Synopsis

Analysts are divided in their opinion over the long-term viability of IT services firms, after Anthropic released artificial intelligence software plugins that will allow companies to automate several tasks, including in finance, research and human resources. While some forecast revenue impact and earnings downgrades, others maintain that AI would expand the market for service providers.

Analysts are divided in their opinion over the long-term viability of IT services firms, after Anthropic released artificial intelligence software plugins that will allow companies to automate several tasks, including in finance, research and human resources.

While some forecast revenue impact and earnings downgrades, others maintain that AI would expand the market for service providers.

“AI will be another tool to address more work with the same budget, like offshore labour, enterprise software, and cloud have been in the past,” said JP Morgan, which expects IT services to also benefit. "IT services companies remain the plumbers in the tech world," JP Morgan analysts wrote in a February note on the Indian IT sector. If AI agents rewrote enterprise software, they would still need significant services plumbing to work in an enterprise context and minimise AI slop, they said.

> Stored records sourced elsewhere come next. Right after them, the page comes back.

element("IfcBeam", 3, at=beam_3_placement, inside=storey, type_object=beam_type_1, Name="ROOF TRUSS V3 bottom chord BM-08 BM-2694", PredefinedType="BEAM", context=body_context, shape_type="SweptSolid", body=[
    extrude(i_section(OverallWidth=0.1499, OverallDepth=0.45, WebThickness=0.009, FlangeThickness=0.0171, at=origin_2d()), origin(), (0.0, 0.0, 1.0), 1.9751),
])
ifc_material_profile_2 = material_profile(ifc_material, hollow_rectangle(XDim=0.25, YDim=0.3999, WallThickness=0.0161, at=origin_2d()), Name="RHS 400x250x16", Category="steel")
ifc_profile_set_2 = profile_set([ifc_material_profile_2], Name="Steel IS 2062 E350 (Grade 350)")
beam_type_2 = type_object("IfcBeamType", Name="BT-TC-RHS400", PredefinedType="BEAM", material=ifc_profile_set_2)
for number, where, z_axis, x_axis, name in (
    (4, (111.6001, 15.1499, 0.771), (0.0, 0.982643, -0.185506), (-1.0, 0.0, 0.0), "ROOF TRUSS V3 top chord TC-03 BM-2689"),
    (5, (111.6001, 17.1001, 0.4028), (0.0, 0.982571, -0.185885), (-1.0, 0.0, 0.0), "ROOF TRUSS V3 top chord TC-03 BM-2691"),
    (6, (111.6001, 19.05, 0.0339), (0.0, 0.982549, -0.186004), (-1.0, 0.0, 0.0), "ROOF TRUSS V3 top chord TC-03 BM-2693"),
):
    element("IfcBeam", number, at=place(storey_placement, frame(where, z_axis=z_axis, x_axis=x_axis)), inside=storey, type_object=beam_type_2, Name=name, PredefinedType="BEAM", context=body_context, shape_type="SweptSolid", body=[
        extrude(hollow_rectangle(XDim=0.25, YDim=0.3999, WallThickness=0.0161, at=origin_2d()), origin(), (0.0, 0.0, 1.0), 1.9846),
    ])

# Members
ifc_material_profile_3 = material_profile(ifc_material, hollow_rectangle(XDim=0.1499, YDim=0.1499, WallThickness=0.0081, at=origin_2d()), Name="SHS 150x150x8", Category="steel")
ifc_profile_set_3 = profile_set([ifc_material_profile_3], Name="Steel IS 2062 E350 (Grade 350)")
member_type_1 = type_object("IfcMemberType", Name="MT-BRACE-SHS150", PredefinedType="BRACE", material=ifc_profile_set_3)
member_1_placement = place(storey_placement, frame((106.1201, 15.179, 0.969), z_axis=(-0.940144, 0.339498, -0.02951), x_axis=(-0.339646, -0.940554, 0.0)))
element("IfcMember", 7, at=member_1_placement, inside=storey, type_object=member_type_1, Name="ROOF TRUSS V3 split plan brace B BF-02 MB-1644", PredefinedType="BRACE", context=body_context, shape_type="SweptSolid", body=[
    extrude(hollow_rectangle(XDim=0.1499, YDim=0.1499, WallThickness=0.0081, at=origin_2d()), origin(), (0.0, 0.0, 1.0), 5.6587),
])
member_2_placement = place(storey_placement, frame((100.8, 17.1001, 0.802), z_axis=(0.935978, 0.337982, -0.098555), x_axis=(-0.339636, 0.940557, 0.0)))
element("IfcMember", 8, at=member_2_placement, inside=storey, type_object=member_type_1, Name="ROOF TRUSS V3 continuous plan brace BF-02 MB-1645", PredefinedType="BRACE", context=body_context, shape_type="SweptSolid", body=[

The American brokerage, meanwhile, positioned itself as “extreme bullish outliers in AI” in a note earlier in the month, citing its late-2022 comment that AI technology would “evolve at the speed of light” and surprise investors with its capabilities.

Another US brokerage, Jefferies, predicts application-managed services, which represent 22-45% of revenue for Indian IT services companies, to face "sharp revenue deflation" as AI tools improve. Jefferies cut its ratings on at least six tech service stocks, downgrading Infosys, HCLTech and Mphasis to ‘hold’ from ‘buy’ and LTIMindtree, Tata Consultancy Services and Hexaware to ‘underperform,' from 'hold'.

The brokerage expects the sector’s earnings to grow 6% on a compound annual rate (CAGR) through fiscal 2028, which is 3-14% below market estimates.

Analysts also have an either-or scenario, pinning the burden of performance on how service providers execute their strategies.

According to Motilal Oswal, 12-15% of sector revenue faces direct exposure to AI-driven productivity/displacement risk, resulting in a 10% cut to earnings-per-share estimates in a scenario where deflation materialises over 12-18 months.

However, analysts noted that with 90% of OpenAI token usage currently concentrated in new-age firms (startups), large enterprises still have their managed services projects intact, making it difficult to deploy AI at scale, which requires integration with legacy stacks, data clean-up, and governance alignment.

Kotak Institutional Equities termed the current demand environment as “steady”. A gradual improvement in demand should aid in moderate acceleration, despite anticipating a higher deflationary impact as AI models move from proof of concept to production, it said.

“Over the medium term, we continue to expect IT service providers to remain relevant, though the growth will depend on the extent of productivity pass-through and timing of new revenue streams coming up,” Kotak analysts said.

HSBC swung in the opposite direction, maintaining that “software will eat AI”, since foundation models are "inherently flawed" and unsuitable for a "lift-and-replacement" of enterprise platforms.

“We see the legacy enterprise software vendors as among the key beneficiaries and diffusion paths for unlocking the value-creation potential of AI within the production of the $100+ trillion global GDP ecosystem,” analysts at HSBC said, highlighting that the software vertical is positioned in front of a massive expansion in TAM (total addressable market) over the next 5-10 years.